# Tiger Lotus leaves----turn green



## geministudios54 (Mar 27, 2005)

Just wondering if anyone has any comments as to why my tiger lotus leaves turn green and brown less than a week after emerging. I fertilize by substrate only with tabs. Lights are 330watts over a 125gal that are on for 9 hours a day with C02 injection. pH is 6.8.
I've provided a picture to better indicate what I'm talking about.

Any help would be appreciated...


----------



## klaus777 (Aug 8, 2008)

do you have any other red plants doing this? or any green ones doing funny things?


----------



## chagovatoloco (Nov 17, 2007)

I will attempt to answer this, please for give me if I am incorrect. From what I under stand the red pigment in plants is from the chlorophyll turning color to reject too much light. So under moderate to low light conditions the plant turns green because there is no need reflect any light. Maybe some one with a little more ecology under their belt will chime in a explain this a little better.


----------



## klaus777 (Aug 8, 2008)

I sort of agree with what chagovatoloco is saying if I may add a twist. My understanding is that green light is not usable to plants, it is only the most visable light to humans. The pigment will change in plants from receiving improper light spectrum. The deal with red plants is that they come typically from deeper waters where green light is reduced and more blue light is what penetrates. The reason green plants are green is because the chlorophyll absorbs red and blue spectrum light and reflects green spectrum. {The green portion of the color spectrum is so abundant in nature where they grow, they would probably wither and fry from too much of it, (only my hypothesis)} so again, they reflect green and that's how we see them as green. A red plant being for deeper water with less green spectrum doesn't need to reflect green light as much as it's green leafy buddies. Red plants absorb blue light and reflect red light.
So even though you have a good watt per gallon ratio, you might be giving too much light in the green spectrum.
I myself have a Tiger lotus along with many other red plants and it is as red as a beet and I use less powerful wattage with a nice full color spectrum. What type of lighting are you using?
That's not to say that is your problem. How long have you had the tiger lotus and has it always done this. Sometimes it could just be that particular plant itself doesn't carry a heavy red pigment.


----------



## 954baby (Feb 8, 2008)

I have 96 watts of 6700K over my 10 gallon, and I have a red tiger lotus that does the same thing. It will have red leaves until they reach the water surface and then they turn green in a few hours time from reaching the surface. Thanks for explaining this.


----------



## chagovatoloco (Nov 17, 2007)

klaus777 said:


> I sort of agree with what chagovatoloco is saying if I may add a twist. My understanding is that green light is not usable to plants, it is only the most visable light to humans. The pigment will change in plants from receiving improper light spectrum. The deal with red plants is that they come typically from deeper waters where green light is reduced and more blue light is what penetrates. The reason green plants are green is because the chlorophyll absorbs red and blue spectrum light and reflects green spectrum. {The green portion of the color spectrum is so abundant in nature where they grow, they would probably wither and fry from too much of it, (only my hypothesis)} so again, they reflect green and that's how we see them as green. A red plant being for deeper water with less green spectrum doesn't need to reflect green light as much as it's green leafy buddies. Red plants absorb blue light and reflect red light.
> So even though you have a good watt per gallon ratio, you might be giving too much light in the green spectrum.
> I myself have a Tiger lotus along with many other red plants and it is as red as a beet and I use less powerful wattage with a nice full color spectrum. What type of lighting are you using?
> That's not to say that is your problem. How long have you had the tiger lotus and has it always done this. Sometimes it could just be that particular plant itself doesn't carry a heavy red pigment.

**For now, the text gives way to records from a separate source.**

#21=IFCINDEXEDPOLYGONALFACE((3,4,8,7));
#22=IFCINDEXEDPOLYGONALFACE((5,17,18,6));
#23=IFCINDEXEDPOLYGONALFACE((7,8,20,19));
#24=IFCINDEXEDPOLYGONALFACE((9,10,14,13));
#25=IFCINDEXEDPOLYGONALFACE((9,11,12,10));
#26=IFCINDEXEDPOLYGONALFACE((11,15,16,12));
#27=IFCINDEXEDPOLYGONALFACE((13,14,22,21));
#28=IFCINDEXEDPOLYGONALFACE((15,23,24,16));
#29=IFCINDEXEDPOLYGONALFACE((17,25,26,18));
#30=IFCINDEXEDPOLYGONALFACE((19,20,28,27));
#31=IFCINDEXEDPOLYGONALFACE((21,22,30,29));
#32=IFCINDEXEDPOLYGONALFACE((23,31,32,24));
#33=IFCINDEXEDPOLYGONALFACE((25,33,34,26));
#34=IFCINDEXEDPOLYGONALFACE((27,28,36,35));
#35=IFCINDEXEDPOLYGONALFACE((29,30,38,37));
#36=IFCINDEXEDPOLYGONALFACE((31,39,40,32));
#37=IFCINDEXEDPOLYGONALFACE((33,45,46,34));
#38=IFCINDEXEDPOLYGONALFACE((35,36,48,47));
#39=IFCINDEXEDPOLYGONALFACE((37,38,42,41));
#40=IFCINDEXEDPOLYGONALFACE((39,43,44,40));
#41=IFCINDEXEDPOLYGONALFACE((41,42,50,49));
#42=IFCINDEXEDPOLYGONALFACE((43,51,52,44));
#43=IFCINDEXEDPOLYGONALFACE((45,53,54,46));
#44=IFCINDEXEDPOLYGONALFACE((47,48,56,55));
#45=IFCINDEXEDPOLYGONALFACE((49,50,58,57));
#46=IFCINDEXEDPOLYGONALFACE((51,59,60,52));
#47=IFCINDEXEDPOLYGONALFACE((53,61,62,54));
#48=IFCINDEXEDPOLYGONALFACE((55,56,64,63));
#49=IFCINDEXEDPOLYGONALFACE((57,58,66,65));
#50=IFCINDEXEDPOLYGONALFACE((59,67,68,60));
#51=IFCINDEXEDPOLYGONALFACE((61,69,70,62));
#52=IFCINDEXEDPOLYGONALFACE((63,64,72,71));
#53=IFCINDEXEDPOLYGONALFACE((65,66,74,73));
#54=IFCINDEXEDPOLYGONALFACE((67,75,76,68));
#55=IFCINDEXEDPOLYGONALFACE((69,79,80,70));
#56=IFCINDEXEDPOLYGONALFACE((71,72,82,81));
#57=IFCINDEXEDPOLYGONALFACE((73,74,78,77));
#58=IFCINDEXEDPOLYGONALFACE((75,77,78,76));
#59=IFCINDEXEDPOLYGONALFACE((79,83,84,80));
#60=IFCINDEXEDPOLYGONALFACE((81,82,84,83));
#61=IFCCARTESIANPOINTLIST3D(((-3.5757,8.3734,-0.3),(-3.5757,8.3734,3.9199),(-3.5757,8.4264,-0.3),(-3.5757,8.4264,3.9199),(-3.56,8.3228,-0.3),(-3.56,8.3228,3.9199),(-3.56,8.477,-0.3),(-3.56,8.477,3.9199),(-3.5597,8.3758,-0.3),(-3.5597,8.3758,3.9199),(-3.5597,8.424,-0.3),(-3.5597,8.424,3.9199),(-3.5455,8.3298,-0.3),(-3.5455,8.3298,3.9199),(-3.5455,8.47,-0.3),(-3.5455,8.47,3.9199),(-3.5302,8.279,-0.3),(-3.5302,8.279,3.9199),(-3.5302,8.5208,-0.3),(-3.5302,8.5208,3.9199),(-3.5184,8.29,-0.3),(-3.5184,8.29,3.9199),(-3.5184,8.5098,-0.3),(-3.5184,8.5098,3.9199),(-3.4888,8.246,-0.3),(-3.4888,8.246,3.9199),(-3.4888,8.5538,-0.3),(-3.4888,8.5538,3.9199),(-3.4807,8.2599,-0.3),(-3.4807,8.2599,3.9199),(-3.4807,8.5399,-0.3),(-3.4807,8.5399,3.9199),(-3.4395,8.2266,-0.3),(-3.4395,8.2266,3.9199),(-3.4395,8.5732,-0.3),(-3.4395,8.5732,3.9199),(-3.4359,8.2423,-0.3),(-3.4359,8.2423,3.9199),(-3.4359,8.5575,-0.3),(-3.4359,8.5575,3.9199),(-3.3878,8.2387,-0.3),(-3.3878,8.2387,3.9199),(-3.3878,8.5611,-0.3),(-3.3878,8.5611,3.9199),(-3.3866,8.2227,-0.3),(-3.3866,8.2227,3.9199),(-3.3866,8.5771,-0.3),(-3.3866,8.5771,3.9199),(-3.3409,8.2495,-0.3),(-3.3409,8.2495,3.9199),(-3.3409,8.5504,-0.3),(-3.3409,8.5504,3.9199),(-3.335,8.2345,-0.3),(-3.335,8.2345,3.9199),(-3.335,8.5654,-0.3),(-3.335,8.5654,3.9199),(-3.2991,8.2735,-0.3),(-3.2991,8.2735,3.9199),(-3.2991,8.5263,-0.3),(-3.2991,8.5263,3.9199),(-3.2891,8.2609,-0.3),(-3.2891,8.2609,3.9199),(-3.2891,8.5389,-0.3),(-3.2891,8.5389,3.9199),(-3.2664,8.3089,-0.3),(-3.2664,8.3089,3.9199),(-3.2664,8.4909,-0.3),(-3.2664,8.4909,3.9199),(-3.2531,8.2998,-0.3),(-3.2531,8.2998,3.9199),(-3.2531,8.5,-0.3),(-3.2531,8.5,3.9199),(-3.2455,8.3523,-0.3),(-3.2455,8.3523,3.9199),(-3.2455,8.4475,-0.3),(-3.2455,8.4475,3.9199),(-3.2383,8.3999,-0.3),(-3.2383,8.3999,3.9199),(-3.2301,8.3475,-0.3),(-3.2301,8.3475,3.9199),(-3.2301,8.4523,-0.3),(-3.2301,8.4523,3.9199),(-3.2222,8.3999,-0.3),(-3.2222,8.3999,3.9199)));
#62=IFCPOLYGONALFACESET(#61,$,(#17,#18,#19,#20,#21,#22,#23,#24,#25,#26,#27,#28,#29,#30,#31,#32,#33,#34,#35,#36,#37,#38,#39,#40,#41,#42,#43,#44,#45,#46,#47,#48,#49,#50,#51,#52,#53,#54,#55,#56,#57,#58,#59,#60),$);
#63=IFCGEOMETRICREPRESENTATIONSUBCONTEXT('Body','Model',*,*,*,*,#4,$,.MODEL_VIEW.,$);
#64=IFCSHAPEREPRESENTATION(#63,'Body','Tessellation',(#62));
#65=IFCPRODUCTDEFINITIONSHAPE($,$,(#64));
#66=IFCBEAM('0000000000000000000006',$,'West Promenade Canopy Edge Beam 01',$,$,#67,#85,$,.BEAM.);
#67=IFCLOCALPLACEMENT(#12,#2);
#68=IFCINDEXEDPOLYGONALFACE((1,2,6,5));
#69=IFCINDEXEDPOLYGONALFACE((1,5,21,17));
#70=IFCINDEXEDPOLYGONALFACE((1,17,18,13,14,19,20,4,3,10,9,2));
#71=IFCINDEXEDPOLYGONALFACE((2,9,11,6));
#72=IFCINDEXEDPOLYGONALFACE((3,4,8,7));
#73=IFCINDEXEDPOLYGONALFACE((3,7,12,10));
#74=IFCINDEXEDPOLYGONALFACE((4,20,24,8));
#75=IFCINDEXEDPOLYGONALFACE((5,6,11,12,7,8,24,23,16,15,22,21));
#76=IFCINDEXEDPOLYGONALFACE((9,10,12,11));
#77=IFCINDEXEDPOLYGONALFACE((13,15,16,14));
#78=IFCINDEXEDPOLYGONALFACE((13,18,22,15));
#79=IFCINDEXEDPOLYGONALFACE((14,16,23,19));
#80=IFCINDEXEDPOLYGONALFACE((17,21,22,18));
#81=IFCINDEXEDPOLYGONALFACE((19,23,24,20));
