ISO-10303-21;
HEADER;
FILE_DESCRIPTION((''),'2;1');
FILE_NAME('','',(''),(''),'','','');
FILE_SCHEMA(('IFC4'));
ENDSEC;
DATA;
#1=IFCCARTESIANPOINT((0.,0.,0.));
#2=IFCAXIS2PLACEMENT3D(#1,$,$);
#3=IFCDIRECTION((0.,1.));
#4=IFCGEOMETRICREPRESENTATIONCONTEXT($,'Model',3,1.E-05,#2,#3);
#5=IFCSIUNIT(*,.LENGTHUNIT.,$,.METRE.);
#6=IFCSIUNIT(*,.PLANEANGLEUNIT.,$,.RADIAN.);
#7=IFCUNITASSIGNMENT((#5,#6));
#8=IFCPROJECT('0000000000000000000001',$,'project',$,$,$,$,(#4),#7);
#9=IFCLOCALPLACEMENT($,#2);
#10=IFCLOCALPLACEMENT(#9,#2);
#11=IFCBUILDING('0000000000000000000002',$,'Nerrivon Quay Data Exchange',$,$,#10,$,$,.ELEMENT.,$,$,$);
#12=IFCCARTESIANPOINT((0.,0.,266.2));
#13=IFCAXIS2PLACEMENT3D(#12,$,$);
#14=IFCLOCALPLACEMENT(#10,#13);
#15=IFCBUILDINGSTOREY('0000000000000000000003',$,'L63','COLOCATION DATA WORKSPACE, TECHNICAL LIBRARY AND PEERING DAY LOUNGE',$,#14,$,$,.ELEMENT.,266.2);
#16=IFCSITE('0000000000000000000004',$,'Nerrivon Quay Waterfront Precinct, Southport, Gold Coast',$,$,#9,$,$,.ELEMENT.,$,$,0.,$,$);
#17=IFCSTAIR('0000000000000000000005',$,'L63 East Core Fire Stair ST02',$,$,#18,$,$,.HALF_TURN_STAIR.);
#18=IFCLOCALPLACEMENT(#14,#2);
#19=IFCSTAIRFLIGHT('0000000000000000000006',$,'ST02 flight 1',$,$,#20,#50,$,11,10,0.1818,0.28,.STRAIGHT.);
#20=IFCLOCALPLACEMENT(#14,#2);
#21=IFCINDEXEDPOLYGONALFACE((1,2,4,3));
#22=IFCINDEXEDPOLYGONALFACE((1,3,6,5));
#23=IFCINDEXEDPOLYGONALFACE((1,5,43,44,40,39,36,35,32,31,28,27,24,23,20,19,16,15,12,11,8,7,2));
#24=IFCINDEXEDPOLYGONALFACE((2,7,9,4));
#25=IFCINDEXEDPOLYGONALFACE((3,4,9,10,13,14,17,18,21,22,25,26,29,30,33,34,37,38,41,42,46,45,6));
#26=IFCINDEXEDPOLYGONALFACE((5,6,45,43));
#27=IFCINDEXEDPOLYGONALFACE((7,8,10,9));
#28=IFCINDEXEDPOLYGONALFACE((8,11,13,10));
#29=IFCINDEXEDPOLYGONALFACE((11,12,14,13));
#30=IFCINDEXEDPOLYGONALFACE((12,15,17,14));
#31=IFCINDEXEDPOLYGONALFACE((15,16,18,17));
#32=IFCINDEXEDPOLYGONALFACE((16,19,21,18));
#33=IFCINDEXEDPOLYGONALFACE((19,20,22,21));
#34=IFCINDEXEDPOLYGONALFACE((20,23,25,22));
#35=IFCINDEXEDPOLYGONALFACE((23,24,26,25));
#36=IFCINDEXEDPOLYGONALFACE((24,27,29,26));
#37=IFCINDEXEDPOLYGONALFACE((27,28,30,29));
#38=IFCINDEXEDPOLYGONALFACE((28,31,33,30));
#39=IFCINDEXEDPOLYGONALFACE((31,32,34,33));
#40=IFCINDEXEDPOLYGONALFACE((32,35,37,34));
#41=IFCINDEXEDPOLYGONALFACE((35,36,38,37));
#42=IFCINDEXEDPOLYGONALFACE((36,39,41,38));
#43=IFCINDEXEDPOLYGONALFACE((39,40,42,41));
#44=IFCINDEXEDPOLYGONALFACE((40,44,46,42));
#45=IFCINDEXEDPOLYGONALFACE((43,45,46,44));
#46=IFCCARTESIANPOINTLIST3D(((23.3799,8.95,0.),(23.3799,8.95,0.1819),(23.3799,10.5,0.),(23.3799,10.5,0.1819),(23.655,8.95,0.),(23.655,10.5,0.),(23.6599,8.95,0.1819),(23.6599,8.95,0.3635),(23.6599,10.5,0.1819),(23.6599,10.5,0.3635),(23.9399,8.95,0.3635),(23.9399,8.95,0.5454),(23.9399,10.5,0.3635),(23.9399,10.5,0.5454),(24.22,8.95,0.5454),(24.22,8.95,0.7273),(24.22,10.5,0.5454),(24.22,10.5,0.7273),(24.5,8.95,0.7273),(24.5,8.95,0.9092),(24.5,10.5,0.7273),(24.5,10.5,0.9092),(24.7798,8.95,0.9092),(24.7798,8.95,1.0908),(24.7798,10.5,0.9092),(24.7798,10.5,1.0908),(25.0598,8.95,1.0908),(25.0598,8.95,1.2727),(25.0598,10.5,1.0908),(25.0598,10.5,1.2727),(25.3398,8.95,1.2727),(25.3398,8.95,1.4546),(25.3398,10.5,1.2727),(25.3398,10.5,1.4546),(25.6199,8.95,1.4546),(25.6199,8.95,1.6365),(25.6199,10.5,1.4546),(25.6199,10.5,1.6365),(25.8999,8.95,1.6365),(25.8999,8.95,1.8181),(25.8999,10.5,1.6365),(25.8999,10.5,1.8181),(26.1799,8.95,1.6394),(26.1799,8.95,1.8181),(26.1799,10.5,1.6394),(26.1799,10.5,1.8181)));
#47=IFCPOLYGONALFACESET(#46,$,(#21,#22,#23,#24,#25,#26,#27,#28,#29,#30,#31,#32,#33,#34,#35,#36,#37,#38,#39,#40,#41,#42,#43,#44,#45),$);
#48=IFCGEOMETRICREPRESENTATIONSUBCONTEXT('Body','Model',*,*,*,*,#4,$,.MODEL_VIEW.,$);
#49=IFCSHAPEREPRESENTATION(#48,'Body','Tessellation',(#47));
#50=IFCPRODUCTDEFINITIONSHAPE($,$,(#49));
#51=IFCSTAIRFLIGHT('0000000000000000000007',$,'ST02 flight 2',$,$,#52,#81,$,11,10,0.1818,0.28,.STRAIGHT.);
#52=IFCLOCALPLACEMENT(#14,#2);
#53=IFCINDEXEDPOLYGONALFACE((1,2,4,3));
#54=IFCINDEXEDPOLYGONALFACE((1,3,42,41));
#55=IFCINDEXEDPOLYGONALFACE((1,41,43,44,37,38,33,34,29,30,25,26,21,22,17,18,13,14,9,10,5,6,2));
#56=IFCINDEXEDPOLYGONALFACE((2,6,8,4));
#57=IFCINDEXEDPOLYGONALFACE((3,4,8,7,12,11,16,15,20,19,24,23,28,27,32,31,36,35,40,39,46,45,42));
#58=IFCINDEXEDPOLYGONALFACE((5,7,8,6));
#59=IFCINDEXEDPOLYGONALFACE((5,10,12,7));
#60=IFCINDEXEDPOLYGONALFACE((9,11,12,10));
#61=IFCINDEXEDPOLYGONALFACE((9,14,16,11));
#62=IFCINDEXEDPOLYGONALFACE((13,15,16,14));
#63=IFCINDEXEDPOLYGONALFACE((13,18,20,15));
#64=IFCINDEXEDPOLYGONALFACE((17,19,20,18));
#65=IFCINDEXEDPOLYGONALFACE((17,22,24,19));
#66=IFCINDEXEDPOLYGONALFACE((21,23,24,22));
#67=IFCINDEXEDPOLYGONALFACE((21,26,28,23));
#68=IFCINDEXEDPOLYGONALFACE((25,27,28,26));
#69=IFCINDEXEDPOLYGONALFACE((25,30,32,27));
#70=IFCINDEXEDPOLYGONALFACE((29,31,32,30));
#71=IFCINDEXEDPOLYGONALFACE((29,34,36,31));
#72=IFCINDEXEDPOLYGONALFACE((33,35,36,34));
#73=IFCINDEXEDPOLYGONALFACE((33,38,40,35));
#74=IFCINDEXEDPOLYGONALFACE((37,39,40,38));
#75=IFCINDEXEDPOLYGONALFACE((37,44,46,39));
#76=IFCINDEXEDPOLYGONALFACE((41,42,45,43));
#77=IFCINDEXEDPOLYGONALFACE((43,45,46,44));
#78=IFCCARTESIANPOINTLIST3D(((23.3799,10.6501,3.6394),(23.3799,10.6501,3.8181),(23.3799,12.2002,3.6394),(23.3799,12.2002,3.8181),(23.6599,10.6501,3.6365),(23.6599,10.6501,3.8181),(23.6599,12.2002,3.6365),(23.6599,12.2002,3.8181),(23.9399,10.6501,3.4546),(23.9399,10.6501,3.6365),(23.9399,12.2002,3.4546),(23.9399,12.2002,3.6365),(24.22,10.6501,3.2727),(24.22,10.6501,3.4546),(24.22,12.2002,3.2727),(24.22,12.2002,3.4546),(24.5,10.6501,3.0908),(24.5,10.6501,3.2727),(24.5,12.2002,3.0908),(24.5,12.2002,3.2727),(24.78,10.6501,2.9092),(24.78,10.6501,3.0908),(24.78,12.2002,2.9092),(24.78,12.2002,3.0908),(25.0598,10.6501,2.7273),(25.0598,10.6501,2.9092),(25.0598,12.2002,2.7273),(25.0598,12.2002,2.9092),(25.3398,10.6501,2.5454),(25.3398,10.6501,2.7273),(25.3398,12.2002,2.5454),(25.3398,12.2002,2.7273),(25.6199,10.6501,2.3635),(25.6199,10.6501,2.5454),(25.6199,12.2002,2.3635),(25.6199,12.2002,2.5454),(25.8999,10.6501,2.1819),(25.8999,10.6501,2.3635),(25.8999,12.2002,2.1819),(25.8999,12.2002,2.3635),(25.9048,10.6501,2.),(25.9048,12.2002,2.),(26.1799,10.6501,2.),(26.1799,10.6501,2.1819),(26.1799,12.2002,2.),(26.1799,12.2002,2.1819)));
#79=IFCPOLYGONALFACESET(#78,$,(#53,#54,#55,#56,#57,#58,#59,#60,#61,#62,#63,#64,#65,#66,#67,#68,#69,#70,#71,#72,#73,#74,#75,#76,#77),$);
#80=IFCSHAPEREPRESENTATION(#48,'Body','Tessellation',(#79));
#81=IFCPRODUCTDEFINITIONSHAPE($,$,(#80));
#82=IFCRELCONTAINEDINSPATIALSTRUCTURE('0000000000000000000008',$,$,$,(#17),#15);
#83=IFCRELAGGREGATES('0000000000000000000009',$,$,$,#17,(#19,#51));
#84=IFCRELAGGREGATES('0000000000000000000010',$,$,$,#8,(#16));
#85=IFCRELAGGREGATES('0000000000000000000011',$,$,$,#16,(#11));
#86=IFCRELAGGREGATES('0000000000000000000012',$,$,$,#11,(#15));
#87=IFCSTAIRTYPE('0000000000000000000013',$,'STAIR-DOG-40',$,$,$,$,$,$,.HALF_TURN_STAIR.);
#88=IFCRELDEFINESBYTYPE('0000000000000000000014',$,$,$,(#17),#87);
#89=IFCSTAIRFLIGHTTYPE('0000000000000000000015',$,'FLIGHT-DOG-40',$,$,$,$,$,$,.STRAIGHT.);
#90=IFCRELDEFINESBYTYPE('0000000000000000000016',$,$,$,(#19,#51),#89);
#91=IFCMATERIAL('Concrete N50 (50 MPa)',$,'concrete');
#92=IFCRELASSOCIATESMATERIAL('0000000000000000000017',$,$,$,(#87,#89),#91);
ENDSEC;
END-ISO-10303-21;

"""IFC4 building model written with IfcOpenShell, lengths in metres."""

from ifc_helpers import new_model, si_unit, direction, frame, origin, place, context, subcontext, project, spatial, polyline, outline, extrude, material, type_object, element, aggregate, save


model = new_model("IFC4")

# Units and contexts
model_context = context("Model", 3, precision=1e-05, world=origin(), true_north=direction((0.0, 1.0)))
body_context = subcontext(model_context, "Body", "Model", "MODEL_VIEW")
ifc_project = project(units=[si_unit("LENGTHUNIT", "METRE"), si_unit("PLANEANGLEUNIT", "RADIAN")], contexts=[model_context])

# Site, building, storey
site_placement = place(None, origin())
site = spatial("IfcSite", under=ifc_project, at=site_placement, Name="Nerrivon Quay Waterfront Precinct, Southport, Gold Coast", CompositionType="ELEMENT", RefElevation=0.0)
building_placement = place(site_placement, origin())
building = spatial("IfcBuilding", under=site, at=building_placement, Name="Nerrivon Quay Data Exchange", CompositionType="ELEMENT")
storey_placement = place(building_placement, frame((0.0, 0.0, 266.2)))
storey = spatial("IfcBuildingStorey", under=building, at=storey_placement, Name="L63", Description="COLOCATION DATA WORKSPACE, TECHNICAL LIBRARY AND PEERING DAY LOUNGE", CompositionType="ELEMENT", Elevation=266.2)

# Shared definitions
ifc_material_1 = material(Name="Concrete N50 (50 MPa)", Category="concrete")

# Stair, stair flights
stair_type = type_object("IfcStairType", Name="STAIR-DOG-40", PredefinedType="HALF_TURN_STAIR", material=ifc_material_1)
stair_placement = place(storey_placement, origin())
stair = element("IfcStair", 1, at=stair_placement, inside=storey, type_object=stair_type, Name="L63 East Core Fire Stair ST02", PredefinedType="HALF_TURN_STAIR")
stair_flight_type = type_object("IfcStairFlightType", Name="FLIGHT-DOG-40", PredefinedType="STRAIGHT", material=ifc_material_1)
stair_flight_1_placement = place(storey_placement, frame((23.3799, 9.7251, 0.0), z_axis=(0.0, 0.0, 1.0), x_axis=(1.0, 0.0, 0.0)))
stair_flight_1 = element("IfcStairFlight", 2, at=stair_flight_1_placement, type_object=stair_flight_type, Name="ST02 flight 1", NumberOfRisers=11, NumberOfTreads=10, PredefinedType="STRAIGHT", RiserHeight=0.1818, TreadLength=0.28, context=body_context, shape_type="SweptSolid", body=[
    extrude(outline(polyline([(0.0, 0.0), (0.0, 0.1819), (0.28, 0.1819), (0.28, 0.3635), (0.5601, 0.3635), (0.5601, 0.5454), (0.8401, 0.5454), (0.8401, 0.7273), (1.1201, 0.7273), (1.1201, 0.9092), (1.3999, 0.9092), (1.3999, 1.0908), (1.6799, 1.0908), (1.6799, 1.2727), (1.96, 1.2727), (1.96, 1.4546), (2.24, 1.4546), (2.24, 1.6365), (2.52, 1.6365), (2.52, 1.8181), (2.8, 1.8181), (2.8, 2.0), (2.8, 1.6394), (0.2751, 0.0), (0.0, 0.0)])), frame((0.0, 0.7749, 0.0), z_axis=(0.0, -1.0, 0.0), x_axis=(1.0, 0.0, 0.0)), (0.0, 0.0, 1.0), 1.55),
])
stair_flight_2_placement = place(storey_placement, frame((26.1799, 11.425, 2.0), z_axis=(0.0, 0.0, 1.0), x_axis=(-1.0, 0.0, 0.0)))
stair_flight_2 = element("IfcStairFlight", 3, at=stair_flight_2_placement, type_object=stair_flight_type, Name="ST02 flight 2", NumberOfRisers=11, NumberOfTreads=10, PredefinedType="STRAIGHT", RiserHeight=0.1818, TreadLength=0.28, context=body_context, shape_type="SweptSolid", body=[
    extrude(outline(polyline([(0.0, 0.0), (0.0, 0.1819), (0.28, 0.1819), (0.28, 0.3635), (0.5601, 0.3635), (0.5601, 0.5454), (0.8401, 0.5454), (0.8401, 0.7273), (1.1201, 0.7273), (1.1201, 0.9092), (1.3999, 0.9092), (1.3999, 1.0908), (1.6799, 1.0908), (1.6799, 1.2727), (1.96, 1.2727), (1.96, 1.4546), (2.24, 1.4546), (2.24, 1.6365), (2.52, 1.6365), (2.52, 1.8181), (2.8, 1.8181), (2.8, 2.0), (2.8, 1.6394), (0.2751, 0.0), (0.0, 0.0)])), frame((0.0, 0.7749, 0.0), z_axis=(0.0, -1.0, 0.0), x_axis=(1.0, 0.0, 0.0)), (0.0, 0.0, 1.0), 1.55),
])
aggregate(stair, [stair_flight_1, stair_flight_2])

save(model, "model.ifc")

Sounds like you kind of sorted out what I was trying to say, thank you. It seems like the spectrum may be the problem.


----------



## SpeedEuphoria (Jul 9, 2008)

geministudios54 said:


> I fertilize by substrate only with tabs. Lights are 330watts over a 125gal that are on for 9 hours a day with C02 injection.


The theory by other sounds good, but is only a theory. (Not saying I know anything)

This is what concerns me, fert tabs only with high lighting. It may be the cause, but also just another theory. Maybe too low N?

I just received some red tiger lotus, it was not really that red when I got it, mostly green w/ red specs. The only new leaf that is growing is brownish color. I have Lower lighting(~2wpg of ODNO T8's). Also I had low nitrates b/c I have no fish and did not dose enough to start(which also accounts for my algae issues at this time, again I'm new at this stuff but love to learn)


----------



## The old man (Apr 12, 2008)

I have two tiger lotus. One in a tank with medium light with two t5's 6700 and 10,000. The leaves are quite red and grows lower and floating leaves. The other one is in a tank with low light, but a 6000 cf. The leaves are mostly green and floating. They shade the anubia's which grow quite well. I really think the spectrum of the bulbs makes a difference.


----------



## geministudios54 (Mar 27, 2005)

Thank you all for your input...I'm thinking the depth issue to be part of the reason for the red on the leaves. I'm going to switch all the lights to 9325k and see how the plant responds. I'll keep everyone posted..

BTW- the leaves are now staying red for at least a week or more and are getting to be the size of a small dinner plate...Just an amazing looking plant..
I'll post a picture tomorrow..

Regards......Jeff


----------



## rich815 (Jun 27, 2007)

changing the color temp of the bulbs will not help. Tiger lotus comes in both red and green types, sure yours is a red one?


----------



## geministudios54 (Mar 27, 2005)

By increasing the Co2 and fertilizing more often, I'm finding the leaves are staying red much longer than previously. I've noticed that the more light there is, the more the leaves congregate closer to the bottom rather than spring further up. Here is a updated pic.


----------



## geministudios54 (Mar 27, 2005)

can't upload the pic. I'll try later.


----------



## Mud Pie Mama (Jul 30, 2006)

Many plants just have very different leaves depending on whether they are grown emersed or submerged, including water lilies! It's not about the color spectrum of your lighting; or about your fertilization routine.


----------